AMD Fusion architecture guarantees best price/performance ratio
A particularly noteworthy benefit of the new COMs is native PCI support. ETX applications are based on this primary data bus and therefore continue to rely on unlimited data transfer for the connection of PCI peripherals. Direct native 32-bit PCI support from the chipset has substantial advantages with regard to PCI bus latency over comparable PCI Express bridge solutions.
The discontinuation of the Intel® 855 chipset family left a serious gap in the market for ETX computer modules. Processor manufacturer AMD has closed this gap with the introduction of its Fusion architecture which combines two previously separate computing functions – the CPU (Central Processing Unit) and the GPU (Graphics Processing Unit) – into one Accelerated Processor Unit (APU). Fusion also opened up completely new perspectives for a wide range of innovative graphics-related applications.
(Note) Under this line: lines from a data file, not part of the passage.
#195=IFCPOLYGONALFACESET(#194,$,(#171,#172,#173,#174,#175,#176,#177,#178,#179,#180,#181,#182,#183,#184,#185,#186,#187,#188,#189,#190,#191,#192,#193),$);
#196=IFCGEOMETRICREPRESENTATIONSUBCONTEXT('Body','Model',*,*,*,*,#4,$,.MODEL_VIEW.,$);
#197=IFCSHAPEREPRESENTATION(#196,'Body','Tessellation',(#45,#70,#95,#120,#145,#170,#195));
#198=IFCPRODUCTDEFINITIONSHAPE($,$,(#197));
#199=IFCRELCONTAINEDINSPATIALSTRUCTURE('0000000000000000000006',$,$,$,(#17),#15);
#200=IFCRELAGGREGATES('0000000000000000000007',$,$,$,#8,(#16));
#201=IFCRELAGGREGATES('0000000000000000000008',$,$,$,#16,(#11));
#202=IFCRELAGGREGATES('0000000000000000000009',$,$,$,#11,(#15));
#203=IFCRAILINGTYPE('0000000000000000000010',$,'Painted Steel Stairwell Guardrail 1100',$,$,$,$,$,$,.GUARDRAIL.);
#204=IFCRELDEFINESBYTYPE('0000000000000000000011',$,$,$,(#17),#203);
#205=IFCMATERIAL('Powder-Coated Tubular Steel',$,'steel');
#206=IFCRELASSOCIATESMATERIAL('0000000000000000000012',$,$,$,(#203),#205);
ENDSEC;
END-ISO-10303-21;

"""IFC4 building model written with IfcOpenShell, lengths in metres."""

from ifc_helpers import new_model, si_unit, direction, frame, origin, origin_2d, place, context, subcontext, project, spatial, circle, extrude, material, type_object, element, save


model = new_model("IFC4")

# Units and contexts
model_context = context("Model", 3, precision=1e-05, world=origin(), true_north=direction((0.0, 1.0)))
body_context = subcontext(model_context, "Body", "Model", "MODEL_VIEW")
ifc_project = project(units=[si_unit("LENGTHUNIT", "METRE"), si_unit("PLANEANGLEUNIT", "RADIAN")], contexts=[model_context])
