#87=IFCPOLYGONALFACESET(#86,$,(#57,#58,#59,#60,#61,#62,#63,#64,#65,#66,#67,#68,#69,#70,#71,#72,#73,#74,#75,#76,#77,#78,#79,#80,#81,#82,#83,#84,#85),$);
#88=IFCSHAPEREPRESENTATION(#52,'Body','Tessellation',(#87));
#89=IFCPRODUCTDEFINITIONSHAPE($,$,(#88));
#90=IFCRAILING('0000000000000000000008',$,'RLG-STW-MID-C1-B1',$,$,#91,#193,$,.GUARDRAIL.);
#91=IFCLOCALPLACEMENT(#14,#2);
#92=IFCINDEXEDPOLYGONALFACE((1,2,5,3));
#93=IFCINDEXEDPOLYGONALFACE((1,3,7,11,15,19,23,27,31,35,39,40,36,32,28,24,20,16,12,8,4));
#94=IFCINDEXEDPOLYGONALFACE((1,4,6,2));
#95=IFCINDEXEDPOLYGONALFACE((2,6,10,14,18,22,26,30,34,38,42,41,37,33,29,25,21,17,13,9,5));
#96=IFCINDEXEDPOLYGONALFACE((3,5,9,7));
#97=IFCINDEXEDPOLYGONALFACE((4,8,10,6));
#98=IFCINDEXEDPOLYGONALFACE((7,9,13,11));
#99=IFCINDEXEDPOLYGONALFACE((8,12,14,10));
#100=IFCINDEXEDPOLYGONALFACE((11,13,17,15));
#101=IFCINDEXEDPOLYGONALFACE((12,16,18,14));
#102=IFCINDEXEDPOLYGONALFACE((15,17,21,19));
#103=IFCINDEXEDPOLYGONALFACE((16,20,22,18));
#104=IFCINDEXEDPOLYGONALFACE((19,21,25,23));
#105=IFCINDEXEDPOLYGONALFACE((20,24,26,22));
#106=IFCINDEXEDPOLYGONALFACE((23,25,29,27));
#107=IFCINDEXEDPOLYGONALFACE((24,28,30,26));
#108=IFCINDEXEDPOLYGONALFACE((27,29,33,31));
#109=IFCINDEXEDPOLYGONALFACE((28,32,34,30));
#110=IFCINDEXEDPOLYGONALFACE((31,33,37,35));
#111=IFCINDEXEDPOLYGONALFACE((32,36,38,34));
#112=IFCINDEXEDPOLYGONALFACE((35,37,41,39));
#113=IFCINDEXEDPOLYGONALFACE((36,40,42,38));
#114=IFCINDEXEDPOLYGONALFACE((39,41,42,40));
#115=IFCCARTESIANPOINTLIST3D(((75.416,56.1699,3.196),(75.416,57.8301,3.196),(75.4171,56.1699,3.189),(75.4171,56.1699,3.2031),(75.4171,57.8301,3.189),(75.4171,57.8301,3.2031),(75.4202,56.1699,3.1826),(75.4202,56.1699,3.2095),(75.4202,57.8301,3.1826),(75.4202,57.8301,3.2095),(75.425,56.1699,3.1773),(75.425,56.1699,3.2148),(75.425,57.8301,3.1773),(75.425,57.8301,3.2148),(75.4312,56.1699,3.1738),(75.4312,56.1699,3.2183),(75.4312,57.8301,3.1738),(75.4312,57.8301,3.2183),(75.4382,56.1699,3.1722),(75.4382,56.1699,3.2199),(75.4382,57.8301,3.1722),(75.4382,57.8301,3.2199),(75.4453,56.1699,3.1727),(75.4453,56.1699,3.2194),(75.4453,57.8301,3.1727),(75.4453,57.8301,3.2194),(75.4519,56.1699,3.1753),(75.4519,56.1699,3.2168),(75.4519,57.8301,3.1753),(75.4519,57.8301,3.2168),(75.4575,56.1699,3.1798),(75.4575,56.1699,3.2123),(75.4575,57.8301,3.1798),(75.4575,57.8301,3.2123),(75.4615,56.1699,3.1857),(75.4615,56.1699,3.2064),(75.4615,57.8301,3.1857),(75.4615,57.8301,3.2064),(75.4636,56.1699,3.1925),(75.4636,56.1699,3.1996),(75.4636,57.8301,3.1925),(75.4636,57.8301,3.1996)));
The conga-EAF modules are equipped with the embedded controller hub Hudson E1 and provide a powerful and inexpensive compact two-chip solution with up to 4GB of single channel DDR3 memory.
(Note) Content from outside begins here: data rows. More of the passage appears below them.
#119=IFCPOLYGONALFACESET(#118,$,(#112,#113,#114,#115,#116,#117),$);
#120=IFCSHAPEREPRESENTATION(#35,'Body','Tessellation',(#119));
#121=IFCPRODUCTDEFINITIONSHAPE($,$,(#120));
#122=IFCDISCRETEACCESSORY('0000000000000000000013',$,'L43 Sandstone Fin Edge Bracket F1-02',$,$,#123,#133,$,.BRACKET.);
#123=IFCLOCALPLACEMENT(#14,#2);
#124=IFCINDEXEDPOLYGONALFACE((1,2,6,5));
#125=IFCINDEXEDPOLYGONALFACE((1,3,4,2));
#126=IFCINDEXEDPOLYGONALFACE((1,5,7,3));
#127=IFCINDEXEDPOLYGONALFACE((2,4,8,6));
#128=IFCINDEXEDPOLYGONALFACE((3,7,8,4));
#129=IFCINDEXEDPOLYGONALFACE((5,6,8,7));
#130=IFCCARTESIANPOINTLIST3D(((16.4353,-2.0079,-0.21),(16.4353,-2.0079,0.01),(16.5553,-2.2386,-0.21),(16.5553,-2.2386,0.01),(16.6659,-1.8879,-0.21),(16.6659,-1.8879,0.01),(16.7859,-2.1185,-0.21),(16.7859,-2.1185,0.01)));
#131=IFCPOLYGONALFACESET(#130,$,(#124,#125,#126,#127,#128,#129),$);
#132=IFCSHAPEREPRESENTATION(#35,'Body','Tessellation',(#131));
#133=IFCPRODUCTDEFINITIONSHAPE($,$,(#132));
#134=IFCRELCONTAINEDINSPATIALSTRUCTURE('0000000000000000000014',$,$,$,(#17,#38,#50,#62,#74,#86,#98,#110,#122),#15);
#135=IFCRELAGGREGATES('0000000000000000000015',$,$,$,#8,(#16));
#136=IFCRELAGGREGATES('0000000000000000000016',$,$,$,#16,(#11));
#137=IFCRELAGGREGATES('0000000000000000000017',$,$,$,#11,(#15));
The integrated graphics core with the Universal Video Decoder 3.0 for seamless Blu-ray processing via HDCP (1080p), MPEG-2, HD and DivX (MPEG-4) videos supports DirectX® 11 and OpenGL 4.0 for fast 2D and 3D imaging as well as OpenCL 1.1. The APU comes with two independent graphics controllers providing VESA-compliant video output with resolutions up to 2560 x 1600 pixels.
The conga-EAF supports 2 x Serial ATA interfaces, native 32-bit PCI (Rev. 2.3), 2 x EIDE, 4 x USB 2.0 ports, ISA bus, 2 x COM, PS/2, 10/100M Ethernet and high-definition audio. A choice of LVDS, CRT, DisplayPort, HDMI or DVI graphics interfaces is also provided.
Availability
The conga-EAF is available now in volume production.